Richard Artschwager wurde als Sohn eines deutschstämmigen Vaters und einer russischen Mutter geboren. Im Alter von acht Jahren ging er fast ein Jahr lang in München zur Schule, da seine Mutter hier an der Kunstakademie studierte. Zeit seines Lebens pflegte er die deutsche Sprache und sprach bei jeder sich bietenden Gelegenheit deutsch. Er studierte Mathematik, Chemie und Biologie und brachte sich das Schreinern selbst bei. Seine Kunst ist in einem engen Zusammenhang zur Pop-, Minimal- und Concept-Art zu sehen, ohne jedoch eindeutig einer dieser Richtungen zugeordnet werden zu können.
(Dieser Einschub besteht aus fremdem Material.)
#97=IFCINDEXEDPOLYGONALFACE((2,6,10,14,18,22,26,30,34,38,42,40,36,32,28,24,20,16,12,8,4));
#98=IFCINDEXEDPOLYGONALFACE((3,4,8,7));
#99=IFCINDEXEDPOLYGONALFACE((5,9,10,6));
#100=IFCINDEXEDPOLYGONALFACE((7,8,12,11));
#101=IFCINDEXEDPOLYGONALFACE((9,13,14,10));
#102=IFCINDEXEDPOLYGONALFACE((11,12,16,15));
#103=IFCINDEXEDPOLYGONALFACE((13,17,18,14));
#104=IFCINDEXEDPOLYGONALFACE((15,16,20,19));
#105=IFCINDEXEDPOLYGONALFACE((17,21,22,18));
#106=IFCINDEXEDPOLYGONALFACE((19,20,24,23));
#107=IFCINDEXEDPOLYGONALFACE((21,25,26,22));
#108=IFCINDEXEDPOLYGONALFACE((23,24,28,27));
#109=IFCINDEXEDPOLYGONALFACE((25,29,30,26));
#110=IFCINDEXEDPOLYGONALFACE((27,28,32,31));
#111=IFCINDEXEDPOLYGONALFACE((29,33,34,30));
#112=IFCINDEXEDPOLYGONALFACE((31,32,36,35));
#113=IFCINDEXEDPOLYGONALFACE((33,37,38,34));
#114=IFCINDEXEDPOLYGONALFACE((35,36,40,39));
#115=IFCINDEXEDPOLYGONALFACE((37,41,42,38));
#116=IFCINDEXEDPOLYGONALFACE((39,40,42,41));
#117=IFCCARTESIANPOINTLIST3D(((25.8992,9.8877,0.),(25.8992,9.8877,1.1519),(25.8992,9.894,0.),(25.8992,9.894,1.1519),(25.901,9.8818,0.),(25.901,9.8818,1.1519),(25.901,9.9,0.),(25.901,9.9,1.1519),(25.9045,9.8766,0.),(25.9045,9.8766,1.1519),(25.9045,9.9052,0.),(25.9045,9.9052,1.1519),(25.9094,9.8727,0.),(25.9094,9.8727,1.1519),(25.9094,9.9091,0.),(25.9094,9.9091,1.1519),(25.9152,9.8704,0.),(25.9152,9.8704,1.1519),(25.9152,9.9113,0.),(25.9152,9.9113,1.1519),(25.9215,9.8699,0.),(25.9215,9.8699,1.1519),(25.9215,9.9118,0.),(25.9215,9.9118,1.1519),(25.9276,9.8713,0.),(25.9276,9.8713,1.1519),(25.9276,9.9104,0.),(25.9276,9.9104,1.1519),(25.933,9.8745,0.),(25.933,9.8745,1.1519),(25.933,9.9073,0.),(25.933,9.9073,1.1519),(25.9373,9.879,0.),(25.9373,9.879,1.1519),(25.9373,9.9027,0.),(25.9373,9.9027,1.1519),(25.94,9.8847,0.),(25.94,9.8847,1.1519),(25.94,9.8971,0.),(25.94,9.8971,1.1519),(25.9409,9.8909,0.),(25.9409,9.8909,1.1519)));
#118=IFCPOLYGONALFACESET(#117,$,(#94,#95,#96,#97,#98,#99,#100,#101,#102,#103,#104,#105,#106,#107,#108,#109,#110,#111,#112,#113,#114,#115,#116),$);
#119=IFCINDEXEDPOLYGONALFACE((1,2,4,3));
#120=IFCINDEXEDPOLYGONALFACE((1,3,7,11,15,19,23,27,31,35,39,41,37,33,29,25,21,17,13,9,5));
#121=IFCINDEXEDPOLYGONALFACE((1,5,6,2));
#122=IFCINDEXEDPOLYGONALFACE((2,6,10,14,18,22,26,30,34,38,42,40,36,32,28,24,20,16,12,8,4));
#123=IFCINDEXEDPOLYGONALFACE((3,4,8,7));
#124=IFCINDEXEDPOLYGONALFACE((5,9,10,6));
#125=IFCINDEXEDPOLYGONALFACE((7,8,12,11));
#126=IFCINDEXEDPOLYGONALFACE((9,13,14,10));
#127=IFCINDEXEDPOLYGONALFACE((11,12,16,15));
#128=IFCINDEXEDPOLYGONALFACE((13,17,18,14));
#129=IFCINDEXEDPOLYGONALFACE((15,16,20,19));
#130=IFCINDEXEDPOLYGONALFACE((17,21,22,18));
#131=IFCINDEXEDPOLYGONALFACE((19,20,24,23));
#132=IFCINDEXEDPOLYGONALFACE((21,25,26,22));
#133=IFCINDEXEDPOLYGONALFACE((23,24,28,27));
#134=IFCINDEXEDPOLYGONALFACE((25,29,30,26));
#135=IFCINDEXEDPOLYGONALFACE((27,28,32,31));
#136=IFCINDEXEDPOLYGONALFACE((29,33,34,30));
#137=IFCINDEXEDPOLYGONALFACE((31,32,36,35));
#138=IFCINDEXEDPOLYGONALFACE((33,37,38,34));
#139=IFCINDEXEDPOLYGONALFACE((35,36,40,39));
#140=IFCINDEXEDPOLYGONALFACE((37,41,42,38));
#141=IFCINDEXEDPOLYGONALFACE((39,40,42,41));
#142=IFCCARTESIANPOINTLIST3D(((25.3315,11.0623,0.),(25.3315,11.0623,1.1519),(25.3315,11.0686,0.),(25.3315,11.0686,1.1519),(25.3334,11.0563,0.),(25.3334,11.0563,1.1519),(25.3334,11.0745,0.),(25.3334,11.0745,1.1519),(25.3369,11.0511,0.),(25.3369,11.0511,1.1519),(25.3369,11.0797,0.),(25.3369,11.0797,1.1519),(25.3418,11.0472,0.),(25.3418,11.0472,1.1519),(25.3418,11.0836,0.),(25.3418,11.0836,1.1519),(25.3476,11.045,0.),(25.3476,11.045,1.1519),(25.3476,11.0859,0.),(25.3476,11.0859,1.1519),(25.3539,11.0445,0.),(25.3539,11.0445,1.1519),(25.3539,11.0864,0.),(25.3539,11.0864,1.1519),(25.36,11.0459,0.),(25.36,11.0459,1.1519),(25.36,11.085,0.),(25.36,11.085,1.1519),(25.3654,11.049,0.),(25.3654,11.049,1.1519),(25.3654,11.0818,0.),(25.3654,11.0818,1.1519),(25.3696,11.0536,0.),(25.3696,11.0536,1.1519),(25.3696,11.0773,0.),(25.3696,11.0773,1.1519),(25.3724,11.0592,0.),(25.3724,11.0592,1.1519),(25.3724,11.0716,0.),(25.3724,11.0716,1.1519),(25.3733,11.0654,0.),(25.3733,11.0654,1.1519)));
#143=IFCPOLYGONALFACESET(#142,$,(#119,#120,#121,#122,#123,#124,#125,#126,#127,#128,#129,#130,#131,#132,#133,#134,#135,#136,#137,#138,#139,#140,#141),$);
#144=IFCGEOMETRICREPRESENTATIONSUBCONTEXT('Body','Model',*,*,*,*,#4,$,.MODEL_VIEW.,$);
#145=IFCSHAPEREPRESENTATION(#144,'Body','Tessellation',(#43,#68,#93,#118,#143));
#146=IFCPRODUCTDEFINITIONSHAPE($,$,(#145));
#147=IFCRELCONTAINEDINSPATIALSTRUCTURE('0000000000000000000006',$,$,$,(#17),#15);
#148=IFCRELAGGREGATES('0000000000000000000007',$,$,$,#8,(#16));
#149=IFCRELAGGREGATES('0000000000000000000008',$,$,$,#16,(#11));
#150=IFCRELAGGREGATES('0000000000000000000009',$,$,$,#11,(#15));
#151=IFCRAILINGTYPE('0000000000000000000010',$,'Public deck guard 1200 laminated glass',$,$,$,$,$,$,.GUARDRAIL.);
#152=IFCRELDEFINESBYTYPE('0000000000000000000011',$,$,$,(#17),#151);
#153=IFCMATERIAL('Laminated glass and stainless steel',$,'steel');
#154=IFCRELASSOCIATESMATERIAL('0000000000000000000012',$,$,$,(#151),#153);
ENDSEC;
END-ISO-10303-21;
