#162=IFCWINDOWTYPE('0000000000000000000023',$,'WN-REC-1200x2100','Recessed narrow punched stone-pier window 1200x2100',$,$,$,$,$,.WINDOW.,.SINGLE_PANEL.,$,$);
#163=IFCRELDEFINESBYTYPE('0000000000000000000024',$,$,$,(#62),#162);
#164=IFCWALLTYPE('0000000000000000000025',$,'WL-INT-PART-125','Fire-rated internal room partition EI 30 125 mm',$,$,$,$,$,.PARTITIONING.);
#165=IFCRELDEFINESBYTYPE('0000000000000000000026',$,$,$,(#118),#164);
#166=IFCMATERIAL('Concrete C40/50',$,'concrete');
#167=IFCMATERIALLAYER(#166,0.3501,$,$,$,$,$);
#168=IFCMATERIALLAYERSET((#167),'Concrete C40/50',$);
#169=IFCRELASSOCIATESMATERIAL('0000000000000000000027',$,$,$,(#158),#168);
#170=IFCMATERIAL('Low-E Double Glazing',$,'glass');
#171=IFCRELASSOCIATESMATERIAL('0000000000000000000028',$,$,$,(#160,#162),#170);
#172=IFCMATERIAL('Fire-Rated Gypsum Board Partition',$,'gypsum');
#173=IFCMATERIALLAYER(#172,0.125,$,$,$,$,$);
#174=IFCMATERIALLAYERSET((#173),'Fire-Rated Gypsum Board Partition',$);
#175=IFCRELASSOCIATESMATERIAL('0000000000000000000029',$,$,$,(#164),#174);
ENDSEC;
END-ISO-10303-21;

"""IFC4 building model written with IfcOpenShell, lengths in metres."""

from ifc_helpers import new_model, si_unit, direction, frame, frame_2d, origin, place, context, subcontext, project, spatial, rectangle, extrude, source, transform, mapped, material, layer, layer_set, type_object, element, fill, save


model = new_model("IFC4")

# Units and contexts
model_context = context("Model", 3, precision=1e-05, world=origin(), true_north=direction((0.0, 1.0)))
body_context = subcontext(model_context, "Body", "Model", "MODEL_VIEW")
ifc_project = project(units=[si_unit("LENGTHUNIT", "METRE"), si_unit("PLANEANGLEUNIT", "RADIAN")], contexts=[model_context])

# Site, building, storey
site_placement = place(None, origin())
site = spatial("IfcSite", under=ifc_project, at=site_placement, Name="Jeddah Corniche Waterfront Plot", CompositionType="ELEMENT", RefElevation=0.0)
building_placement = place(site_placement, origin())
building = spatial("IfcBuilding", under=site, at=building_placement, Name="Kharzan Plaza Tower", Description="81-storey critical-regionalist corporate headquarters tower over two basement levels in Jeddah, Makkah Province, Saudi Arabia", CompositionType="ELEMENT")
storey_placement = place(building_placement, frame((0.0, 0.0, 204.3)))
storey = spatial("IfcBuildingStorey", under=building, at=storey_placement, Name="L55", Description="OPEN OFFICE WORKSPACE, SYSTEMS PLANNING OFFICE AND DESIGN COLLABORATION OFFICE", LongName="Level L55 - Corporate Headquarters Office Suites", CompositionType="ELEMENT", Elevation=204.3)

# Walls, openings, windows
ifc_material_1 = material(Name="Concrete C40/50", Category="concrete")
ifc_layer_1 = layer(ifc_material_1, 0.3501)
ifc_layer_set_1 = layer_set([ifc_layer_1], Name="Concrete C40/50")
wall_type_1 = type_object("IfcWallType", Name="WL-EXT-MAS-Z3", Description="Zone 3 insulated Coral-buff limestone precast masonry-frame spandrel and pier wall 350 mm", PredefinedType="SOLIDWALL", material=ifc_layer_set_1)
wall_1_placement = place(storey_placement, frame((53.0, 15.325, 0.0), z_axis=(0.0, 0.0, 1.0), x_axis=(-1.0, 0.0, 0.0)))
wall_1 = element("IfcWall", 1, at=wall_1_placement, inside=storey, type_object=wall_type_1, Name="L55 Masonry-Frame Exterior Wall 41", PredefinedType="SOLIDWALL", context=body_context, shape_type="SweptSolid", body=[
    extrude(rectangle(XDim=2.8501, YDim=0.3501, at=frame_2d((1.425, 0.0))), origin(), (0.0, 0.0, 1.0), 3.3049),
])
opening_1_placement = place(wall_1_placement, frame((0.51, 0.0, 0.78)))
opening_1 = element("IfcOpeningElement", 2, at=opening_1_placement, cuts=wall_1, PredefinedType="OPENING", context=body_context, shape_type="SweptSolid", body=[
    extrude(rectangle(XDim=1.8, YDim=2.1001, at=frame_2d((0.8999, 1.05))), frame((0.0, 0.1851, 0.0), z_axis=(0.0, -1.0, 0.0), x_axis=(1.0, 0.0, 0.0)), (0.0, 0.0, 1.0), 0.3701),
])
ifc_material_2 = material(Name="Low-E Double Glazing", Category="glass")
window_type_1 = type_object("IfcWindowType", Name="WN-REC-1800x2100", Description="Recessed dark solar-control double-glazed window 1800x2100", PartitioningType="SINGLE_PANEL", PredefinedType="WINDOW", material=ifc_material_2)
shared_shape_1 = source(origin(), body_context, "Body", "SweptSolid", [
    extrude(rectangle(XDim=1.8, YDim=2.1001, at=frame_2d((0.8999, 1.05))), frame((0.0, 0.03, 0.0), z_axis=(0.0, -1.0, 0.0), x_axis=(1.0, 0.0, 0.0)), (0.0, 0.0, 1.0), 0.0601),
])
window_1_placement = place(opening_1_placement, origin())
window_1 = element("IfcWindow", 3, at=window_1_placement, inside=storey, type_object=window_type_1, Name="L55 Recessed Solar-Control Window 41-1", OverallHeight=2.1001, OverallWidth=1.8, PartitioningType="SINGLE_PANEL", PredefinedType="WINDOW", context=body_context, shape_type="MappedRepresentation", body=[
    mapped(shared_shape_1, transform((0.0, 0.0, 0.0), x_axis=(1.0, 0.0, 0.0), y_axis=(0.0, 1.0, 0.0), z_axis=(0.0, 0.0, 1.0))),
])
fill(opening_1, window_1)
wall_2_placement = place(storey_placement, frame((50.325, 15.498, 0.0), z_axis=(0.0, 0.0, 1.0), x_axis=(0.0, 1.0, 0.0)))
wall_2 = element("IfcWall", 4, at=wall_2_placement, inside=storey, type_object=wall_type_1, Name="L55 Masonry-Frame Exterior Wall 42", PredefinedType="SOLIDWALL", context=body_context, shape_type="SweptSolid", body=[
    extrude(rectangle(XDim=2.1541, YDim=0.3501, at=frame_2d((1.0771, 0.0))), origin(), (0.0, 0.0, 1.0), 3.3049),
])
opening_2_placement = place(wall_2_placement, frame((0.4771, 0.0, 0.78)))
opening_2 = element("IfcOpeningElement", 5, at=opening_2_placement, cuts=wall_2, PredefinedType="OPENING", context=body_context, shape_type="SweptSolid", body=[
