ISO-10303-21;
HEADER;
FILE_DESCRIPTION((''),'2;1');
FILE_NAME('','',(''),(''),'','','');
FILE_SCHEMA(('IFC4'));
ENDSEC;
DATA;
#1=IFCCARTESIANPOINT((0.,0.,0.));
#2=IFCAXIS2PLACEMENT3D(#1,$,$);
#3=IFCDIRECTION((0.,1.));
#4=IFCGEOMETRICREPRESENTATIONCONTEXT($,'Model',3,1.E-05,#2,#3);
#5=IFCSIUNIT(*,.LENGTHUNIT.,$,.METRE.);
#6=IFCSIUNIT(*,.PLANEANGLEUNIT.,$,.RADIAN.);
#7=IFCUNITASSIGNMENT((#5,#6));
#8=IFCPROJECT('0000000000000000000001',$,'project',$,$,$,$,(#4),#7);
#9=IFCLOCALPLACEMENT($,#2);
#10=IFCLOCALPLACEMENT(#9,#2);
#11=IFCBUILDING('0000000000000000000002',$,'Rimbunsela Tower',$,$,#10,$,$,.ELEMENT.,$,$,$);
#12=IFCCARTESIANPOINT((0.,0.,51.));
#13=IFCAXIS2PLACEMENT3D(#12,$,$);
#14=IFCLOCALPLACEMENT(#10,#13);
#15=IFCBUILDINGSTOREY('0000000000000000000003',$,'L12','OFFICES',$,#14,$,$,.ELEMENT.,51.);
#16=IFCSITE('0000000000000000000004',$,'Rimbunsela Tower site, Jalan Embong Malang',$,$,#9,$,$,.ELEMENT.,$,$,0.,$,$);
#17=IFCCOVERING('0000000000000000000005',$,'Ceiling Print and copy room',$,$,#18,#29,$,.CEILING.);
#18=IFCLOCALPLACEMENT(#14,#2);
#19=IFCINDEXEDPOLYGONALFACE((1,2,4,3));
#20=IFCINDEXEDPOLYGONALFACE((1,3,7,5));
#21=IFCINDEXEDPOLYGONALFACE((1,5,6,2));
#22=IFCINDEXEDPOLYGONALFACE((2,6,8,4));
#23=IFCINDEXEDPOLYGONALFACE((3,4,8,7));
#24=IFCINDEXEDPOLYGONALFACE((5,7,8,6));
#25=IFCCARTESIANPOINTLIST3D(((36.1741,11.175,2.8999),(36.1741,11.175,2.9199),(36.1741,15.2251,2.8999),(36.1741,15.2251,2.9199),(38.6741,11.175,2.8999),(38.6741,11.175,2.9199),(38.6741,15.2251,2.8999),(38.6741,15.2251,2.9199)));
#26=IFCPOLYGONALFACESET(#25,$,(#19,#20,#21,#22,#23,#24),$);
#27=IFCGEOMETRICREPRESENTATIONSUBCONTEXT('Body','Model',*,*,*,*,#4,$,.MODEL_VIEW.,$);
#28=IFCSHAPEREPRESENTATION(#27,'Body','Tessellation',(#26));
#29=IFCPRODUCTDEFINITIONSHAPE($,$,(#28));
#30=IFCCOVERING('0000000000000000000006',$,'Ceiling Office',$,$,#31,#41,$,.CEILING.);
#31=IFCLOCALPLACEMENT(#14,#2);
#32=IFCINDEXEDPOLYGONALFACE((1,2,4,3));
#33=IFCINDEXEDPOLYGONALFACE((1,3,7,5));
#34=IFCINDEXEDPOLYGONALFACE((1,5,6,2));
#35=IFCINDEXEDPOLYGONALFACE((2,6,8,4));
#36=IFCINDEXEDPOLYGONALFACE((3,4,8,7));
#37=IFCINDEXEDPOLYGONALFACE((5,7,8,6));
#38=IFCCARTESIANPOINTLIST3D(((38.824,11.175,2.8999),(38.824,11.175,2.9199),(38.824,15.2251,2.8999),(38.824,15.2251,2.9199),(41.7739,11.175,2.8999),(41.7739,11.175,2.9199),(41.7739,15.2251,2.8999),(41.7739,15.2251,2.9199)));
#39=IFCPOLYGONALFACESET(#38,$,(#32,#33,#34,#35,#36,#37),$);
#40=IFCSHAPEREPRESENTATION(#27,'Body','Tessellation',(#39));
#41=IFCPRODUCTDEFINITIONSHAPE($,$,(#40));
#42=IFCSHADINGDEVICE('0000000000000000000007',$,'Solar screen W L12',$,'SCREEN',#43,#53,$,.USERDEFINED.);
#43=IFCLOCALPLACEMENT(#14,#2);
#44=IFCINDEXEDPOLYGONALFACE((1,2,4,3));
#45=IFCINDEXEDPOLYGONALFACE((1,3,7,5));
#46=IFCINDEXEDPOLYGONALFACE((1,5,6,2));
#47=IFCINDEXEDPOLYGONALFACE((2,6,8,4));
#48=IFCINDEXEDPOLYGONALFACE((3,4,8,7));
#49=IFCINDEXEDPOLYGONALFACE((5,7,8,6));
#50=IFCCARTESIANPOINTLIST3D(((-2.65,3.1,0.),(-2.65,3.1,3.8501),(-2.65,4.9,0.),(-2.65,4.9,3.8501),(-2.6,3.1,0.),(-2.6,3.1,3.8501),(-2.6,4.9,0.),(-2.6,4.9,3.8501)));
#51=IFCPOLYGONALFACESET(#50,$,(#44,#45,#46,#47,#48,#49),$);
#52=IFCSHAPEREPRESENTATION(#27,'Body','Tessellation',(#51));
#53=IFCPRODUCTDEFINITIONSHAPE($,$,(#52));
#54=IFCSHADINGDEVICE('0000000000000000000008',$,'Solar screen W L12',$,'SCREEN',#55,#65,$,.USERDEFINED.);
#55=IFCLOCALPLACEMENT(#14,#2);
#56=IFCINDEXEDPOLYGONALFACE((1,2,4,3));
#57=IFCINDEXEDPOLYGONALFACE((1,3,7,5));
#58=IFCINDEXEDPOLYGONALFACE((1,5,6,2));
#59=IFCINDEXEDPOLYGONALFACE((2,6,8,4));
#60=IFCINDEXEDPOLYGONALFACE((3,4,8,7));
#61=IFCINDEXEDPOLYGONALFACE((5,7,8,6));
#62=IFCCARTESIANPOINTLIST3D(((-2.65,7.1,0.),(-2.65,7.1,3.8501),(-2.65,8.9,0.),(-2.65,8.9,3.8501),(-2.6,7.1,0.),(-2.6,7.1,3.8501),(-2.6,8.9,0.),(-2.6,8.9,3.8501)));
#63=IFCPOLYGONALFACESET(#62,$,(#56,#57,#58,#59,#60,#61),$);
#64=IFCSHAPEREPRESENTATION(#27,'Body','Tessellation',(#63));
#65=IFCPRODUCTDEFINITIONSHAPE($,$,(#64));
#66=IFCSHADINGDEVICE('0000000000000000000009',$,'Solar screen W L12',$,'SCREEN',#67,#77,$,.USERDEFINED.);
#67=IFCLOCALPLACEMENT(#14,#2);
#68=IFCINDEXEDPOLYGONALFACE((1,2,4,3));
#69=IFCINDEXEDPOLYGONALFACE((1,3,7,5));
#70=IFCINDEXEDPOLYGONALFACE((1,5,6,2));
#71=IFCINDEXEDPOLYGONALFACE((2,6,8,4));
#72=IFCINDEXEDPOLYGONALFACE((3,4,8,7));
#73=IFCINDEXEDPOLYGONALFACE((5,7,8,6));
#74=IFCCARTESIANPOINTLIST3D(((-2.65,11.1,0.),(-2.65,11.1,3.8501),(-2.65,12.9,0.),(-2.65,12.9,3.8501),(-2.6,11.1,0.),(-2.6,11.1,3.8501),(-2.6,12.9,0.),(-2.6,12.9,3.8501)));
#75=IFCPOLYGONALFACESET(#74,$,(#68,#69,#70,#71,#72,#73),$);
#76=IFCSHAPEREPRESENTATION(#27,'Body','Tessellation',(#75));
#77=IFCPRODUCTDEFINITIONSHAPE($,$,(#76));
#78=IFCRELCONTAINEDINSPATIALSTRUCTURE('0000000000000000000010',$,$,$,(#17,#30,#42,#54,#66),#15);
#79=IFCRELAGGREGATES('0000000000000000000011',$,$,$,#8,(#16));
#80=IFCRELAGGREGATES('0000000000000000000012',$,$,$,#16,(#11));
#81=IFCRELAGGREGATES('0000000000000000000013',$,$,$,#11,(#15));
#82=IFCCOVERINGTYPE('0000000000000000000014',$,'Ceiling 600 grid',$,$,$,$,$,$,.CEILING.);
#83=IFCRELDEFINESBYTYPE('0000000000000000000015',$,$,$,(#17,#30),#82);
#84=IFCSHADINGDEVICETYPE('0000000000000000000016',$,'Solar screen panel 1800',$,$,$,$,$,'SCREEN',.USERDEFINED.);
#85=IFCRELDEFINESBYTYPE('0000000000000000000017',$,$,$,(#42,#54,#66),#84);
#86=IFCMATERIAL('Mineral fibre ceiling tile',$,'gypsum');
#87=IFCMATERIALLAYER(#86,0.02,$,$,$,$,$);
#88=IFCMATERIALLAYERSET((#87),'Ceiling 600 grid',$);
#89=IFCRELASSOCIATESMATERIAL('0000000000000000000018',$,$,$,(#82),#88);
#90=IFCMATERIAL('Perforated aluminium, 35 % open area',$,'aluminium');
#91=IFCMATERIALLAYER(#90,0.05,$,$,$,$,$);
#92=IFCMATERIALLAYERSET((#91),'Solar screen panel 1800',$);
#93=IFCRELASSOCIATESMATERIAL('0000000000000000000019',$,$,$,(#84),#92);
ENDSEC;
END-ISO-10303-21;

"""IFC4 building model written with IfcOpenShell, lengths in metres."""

from ifc_helpers import new_model, si_unit, direction, frame, origin, origin_2d, place, context, subcontext, project, spatial, polyline, rectangle, outline, extrude, material, layer, layer_set, type_object, element, save


model = new_model("IFC4")

# Units and contexts
model_context = context("Model", 3, precision=1e-05, world=origin(), true_north=direction((0.0, 1.0)))
body_context = subcontext(model_context, "Body", "Model", "MODEL_VIEW")
ifc_project = project(units=[si_unit("LENGTHUNIT", "METRE"), si_unit("PLANEANGLEUNIT", "RADIAN")], contexts=[model_context])

# Site, building, storey
site_placement = place(None, origin())
site = spatial("IfcSite", under=ifc_project, at=site_placement, Name="Rimbunsela Tower site, Jalan Embong Malang", CompositionType="ELEMENT", RefElevation=0.0)
building_placement = place(site_placement, origin())
building = spatial("IfcBuilding", under=site, at=building_placement, Name="Rimbunsela Tower", CompositionType="ELEMENT")
storey_placement = place(building_placement, frame((0.0, 0.0, 51.0)))
storey = spatial("IfcBuildingStorey", under=building, at=storey_placement, Name="L12", Description="OFFICES", CompositionType="ELEMENT", Elevation=51.0)

# Coverings
ifc_material_1 = material(Name="Mineral fibre ceiling tile", Category="gypsum")
ifc_layer_1 = layer(ifc_material_1, 0.02)
ifc_layer_set_1 = layer_set([ifc_layer_1], Name="Ceiling 600 grid")
covering_type_1 = type_object("IfcCoveringType", Name="Ceiling 600 grid", PredefinedType="CEILING", material=ifc_layer_set_1)
covering_1_placement = place(storey_placement, frame((0.0, 0.0, 2.8999)))
element("IfcCovering", 1, at=covering_1_placement, inside=storey, type_object=covering_type_1, Name="Ceiling Print and copy room", PredefinedType="CEILING", context=body_context, shape_type="SweptSolid", body=[
    extrude(outline(polyline([(38.6741, 11.175), (38.6741, 15.2251), (36.1741, 15.2251), (36.1741, 11.175), (38.6741, 11.175)])), origin(), (0.0, 0.0, 1.0), 0.02),
])
covering_2_placement = place(storey_placement, frame((0.0, 0.0, 2.8999)))
element("IfcCovering", 2, at=covering_2_placement, inside=storey, type_object=covering_type_1, Name="Ceiling Office", PredefinedType="CEILING", context=body_context, shape_type="SweptSolid", body=[
    extrude(outline(polyline([(41.7739, 11.175), (41.7739, 15.2251), (38.824, 15.2251), (38.824, 11.175), (41.7739, 11.175)])), origin(), (0.0, 0.0, 1.0), 0.02),
])

# Shading devices
ifc_material_2 = material(Name="Perforated aluminium, 35 % open area", Category="aluminium")
ifc_layer_2 = layer(ifc_material_2, 0.05)
ifc_layer_set_2 = layer_set([ifc_layer_2], Name="Solar screen panel 1800")
shading_device_type = type_object("IfcShadingDeviceType", Name="Solar screen panel 1800", ElementType="SCREEN", PredefinedType="USERDEFINED", material=ifc_layer_set_2)
for number, where, z_axis, x_axis, name in (
    (3, (-2.625, 4.0, 0.0), (0.0, 0.0, 1.0), (0.0, 1.0, 0.0), "Solar screen W L12"),
    (4, (-2.625, 8.0, 0.0), (0.0, 0.0, 1.0), (0.0, 1.0, 0.0), "Solar screen W L12"),
    (5, (-2.625, 12.0, 0.0), (0.0, 0.0, 1.0), (0.0, 1.0, 0.0), "Solar screen W L12"),
):
    element("IfcShadingDevice", number, at=place(storey_placement, frame(where, z_axis=z_axis, x_axis=x_axis)), inside=storey, type_object=shading_device_type, Name=name, ObjectType="SCREEN", PredefinedType="USERDEFINED", context=body_context, shape_type="SweptSolid", body=[
        extrude(rectangle(XDim=1.8, YDim=0.05, at=origin_2d()), origin(), (0.0, 0.0, 1.0), 3.8501),
    ])

save(model, "model.ifc")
Gleich im ersten Raum empfängt uns ein Kubus, der zunächst aussieht wie ein Tisch, auf dem ein weißes Tischtuch liegt; tatsächlich ist dieser jedoch nicht als Tisch zu verwenden, da die schwarzen Flächen an der Seite nur die Illusion eines leeren Raums neben den Tischbeinen vermitteln. Die Klaviere, die im nächsten Raum folgen und natürlich auch „nutzlose Gegenstände“ sind, sind eines der Highlights dieser Ausstellung: ihre unterschiedlichen Namen und Formen betonen jeweils eine besondere Eigenschaft. So verweist das Piano/Malevich äußerlich und durch seinen Namen auf die radikale Haltung des Konstruktivismus und Pianofart wohl eher auf Misstöne, die dem Klavier entschlüpfen könnten.
Die Bilder auf Celotex-Platten sind Artschwagers Markenzeichen und beinhalten z.B. die „Destruction-Serie“ – eine Bildreihe über den Abriss eines Hotels in Atlantic City – sowie Innenräume, die wie prunkvolle Kulissen wirken, die darauf warten, dass sich endlich Leben in ihnen abspielt. Artschwagers Drang, Aussagen zu betonen, auf Dinge hinzuweisen und deren Besonderheit hervorzustellen, bringt sein gelber, riesiger „Exclamation Point“ – aus Bürstenmaterial – vortrefflich zum Ausdruck. So erfand Artschwager Ende der 1960er Jahre sein eigenes Satzzeichen, das „blp“: längliche Punkte, anfänglich aus dünnem Holz gefertigt, mit denen er die Schönheit von Gegenständen, Gebäuden usw. markieren wollte, die sich außerhalb eines Museums – sozusagen im öffentlichen Raum - befanden. Mit seinen Splatter-Arbeiten – die wie zerschellte Möbel an der Wand bzw. der Raumecke aussehen - verwirklichte er seine Vorstellung eines Übergangs von der Malerei zum skulpturalen Bild. Seine Skulptur „double-dinner“, die an eine enge Sitzgelegenheit für zwei Personen mit eingebautem Tisch zwischen zwei Sitzen in den amerikanischen Diners erinnert und sein 2007 entstandenes Bild „Lunch for two“, das ihn an einem ziemlich langen Tisch mit seiner Frau zeigt, nehmen Paarbeziehungen ironisch unter die Lupe. Was möchte er uns über seine eigene Ehe sagen? Und die Tierbilder, die über seinem bzw. dem Kopf seiner Frau im Bild hängen?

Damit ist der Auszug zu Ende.